The number of solutions that satisfy all of those inequalities is |S| - those which fail at least one; |AnBnCnD| = |S| - |S\A u S\B u S\C u S\D|
You can use inclusion-exclusion principle on |S\A u S\B u S\C u S\D| because the intersections are small and often empty (for example, (S\A)n(S\C) requires both a>13 and c>25 but then a+b+c+d>38 which is not possible).
So mainly you need to know |S\A| etc and the condition a>=14 can be reduced to a+b+c+d=23, with a,b,c,d>=0.
Side note: + Show Spoiler +On September 24 2018 05:24 Simberto wrote: 4 dimensional space with integers as elements in each dimension. An element might look like this
(1,4,291,11)
So basically, you have a set out of sets of 4 numbers. I don't know if this actually makes the thing easier to solve though.
Edit to your edit:
I was suggesting finding all a, b, c, d with a+b+c+d = 40 (or rather the amount of such things)
And the amount of abcd which satisfies the second set of inequalities
And the amount of stuff in the union of those sets.
Then you can use inclusion exclusion to find the amount of stuff in the intersection of those sets.
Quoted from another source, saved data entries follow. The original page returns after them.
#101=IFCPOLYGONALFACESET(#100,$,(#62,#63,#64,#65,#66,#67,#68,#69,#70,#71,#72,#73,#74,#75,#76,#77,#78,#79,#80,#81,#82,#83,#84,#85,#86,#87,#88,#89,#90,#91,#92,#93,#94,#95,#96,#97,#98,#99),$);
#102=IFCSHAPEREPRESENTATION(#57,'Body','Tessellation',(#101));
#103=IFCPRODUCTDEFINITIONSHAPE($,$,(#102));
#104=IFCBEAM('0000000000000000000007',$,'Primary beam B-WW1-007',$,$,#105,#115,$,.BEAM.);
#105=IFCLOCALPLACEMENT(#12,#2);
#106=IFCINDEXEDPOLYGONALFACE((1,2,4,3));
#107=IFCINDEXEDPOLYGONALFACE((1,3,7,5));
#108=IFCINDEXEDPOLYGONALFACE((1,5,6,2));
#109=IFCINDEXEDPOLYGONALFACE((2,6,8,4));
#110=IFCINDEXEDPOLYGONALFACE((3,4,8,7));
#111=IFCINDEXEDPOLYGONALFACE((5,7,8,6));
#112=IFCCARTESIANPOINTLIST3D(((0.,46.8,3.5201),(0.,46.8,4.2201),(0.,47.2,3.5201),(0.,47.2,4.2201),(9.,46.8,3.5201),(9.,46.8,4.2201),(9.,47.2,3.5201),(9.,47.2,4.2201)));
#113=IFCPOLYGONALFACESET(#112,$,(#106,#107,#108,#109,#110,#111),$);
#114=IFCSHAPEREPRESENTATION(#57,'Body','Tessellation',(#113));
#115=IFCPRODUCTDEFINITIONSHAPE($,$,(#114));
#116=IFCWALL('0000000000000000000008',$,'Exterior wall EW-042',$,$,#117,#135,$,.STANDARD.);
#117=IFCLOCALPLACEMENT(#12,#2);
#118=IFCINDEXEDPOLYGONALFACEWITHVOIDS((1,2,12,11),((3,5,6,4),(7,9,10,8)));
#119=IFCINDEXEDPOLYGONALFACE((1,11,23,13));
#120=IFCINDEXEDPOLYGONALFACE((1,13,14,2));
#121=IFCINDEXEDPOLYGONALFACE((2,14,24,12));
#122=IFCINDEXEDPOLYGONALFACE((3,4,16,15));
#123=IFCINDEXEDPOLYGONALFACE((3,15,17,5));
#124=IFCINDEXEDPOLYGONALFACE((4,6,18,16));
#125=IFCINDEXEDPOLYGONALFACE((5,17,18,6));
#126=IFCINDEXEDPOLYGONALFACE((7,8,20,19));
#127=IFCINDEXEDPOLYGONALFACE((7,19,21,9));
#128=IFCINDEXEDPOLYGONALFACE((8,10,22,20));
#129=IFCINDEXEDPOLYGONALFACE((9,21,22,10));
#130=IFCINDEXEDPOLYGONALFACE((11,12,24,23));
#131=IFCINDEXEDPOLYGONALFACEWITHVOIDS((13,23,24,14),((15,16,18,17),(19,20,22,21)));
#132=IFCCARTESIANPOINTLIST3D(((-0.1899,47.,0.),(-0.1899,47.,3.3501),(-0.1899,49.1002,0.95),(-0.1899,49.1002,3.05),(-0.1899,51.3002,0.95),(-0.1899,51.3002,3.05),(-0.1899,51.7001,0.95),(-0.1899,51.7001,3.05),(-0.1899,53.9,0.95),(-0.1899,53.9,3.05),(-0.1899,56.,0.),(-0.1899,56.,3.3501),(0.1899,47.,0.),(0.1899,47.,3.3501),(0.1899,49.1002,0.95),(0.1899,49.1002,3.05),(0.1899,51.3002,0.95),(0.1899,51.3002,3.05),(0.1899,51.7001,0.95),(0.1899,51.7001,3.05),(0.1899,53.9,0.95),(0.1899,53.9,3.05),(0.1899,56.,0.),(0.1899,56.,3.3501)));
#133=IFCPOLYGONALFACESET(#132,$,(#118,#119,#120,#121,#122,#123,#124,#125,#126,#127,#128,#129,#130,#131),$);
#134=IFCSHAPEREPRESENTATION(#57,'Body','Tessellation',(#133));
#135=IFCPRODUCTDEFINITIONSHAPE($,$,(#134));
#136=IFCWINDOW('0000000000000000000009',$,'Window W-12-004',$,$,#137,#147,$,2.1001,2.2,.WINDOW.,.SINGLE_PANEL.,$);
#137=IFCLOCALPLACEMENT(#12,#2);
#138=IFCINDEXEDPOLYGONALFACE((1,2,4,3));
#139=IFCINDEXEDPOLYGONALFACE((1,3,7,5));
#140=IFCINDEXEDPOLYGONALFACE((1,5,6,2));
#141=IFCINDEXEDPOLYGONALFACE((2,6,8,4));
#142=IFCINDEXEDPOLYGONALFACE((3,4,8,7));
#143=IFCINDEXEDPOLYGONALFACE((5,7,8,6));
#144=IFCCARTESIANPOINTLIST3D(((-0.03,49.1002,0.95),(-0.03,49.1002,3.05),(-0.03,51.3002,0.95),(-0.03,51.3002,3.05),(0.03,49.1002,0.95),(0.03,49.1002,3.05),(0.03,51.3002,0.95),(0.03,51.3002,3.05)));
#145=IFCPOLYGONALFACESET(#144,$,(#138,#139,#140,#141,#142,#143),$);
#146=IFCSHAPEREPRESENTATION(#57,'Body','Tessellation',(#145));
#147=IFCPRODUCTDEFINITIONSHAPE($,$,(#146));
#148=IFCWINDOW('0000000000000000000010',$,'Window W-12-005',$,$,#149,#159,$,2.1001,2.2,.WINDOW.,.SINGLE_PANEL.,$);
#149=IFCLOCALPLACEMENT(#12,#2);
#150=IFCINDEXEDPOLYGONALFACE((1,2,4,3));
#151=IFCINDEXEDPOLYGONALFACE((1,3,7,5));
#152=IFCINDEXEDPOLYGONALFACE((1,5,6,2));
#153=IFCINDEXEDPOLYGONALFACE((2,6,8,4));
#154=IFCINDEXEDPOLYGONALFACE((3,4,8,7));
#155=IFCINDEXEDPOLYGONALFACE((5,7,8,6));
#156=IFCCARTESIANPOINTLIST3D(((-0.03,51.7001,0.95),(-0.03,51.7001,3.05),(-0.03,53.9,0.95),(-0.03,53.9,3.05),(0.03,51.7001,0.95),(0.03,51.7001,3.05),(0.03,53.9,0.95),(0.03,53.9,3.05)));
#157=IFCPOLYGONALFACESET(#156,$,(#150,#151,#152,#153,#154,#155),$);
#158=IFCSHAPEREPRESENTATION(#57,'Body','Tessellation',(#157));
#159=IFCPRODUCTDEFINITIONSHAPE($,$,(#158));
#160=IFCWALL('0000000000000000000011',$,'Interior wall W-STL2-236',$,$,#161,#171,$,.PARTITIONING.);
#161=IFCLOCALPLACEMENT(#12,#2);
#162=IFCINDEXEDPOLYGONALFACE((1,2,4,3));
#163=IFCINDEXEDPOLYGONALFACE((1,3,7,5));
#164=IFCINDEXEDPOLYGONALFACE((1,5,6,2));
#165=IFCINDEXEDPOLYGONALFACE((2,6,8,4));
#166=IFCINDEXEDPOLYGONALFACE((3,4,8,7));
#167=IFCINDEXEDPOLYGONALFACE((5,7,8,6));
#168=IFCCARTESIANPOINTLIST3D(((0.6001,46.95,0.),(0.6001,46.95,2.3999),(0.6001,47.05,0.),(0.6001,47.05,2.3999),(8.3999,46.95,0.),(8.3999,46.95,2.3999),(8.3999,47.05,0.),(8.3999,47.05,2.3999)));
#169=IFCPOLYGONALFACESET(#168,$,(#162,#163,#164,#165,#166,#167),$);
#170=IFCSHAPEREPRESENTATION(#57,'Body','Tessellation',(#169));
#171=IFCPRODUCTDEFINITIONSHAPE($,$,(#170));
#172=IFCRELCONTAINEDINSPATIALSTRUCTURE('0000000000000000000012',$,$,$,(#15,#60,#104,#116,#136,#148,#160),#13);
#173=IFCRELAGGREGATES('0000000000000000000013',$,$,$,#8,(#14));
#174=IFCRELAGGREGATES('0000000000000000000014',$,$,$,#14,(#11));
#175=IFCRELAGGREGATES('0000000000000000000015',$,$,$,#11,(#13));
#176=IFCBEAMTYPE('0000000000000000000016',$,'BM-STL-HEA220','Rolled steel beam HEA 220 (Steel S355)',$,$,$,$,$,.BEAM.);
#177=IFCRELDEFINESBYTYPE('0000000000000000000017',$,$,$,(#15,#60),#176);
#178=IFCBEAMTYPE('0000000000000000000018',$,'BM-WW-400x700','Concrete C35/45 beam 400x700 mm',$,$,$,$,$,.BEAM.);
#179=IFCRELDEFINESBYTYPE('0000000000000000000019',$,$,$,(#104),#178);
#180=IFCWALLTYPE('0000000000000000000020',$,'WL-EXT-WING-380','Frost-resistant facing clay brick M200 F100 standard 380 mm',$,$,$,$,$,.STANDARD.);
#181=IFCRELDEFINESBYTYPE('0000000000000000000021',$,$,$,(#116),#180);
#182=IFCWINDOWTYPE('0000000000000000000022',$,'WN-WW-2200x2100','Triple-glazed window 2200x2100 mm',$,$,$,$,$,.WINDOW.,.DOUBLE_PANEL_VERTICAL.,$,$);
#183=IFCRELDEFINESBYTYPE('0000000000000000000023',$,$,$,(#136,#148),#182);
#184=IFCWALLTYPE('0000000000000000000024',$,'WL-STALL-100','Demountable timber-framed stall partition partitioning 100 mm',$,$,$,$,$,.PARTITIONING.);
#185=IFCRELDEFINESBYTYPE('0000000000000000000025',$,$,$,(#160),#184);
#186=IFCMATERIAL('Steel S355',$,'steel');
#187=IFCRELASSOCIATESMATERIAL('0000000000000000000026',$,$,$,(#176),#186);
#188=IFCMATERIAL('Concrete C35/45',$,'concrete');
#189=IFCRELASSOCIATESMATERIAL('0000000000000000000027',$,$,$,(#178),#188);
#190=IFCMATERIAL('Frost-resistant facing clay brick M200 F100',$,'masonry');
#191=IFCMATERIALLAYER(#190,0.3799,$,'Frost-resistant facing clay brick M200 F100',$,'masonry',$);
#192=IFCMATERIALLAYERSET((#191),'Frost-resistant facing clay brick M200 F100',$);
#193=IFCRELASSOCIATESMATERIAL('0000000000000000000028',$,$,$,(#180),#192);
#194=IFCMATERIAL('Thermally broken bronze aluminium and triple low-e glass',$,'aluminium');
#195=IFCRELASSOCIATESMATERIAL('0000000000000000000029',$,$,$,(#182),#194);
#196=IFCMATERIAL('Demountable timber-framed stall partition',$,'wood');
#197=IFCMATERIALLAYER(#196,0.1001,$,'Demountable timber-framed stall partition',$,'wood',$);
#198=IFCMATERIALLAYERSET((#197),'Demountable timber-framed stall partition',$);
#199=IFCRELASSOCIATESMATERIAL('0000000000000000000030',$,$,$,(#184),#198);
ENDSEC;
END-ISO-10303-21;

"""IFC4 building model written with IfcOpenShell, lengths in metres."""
This is an aside, but why do you call N^4 a space? It is not a vector space (because there are no additive inverses) and it is not interesting as a topological space unless you give it a weird topology, and there is no obvious metric to make it a metric space, and even if you do give it a topology I don't see how that would in any way help. This also means that 'dimension' is not well-defined. I don't find it helpful here to talk about spaces or dimension.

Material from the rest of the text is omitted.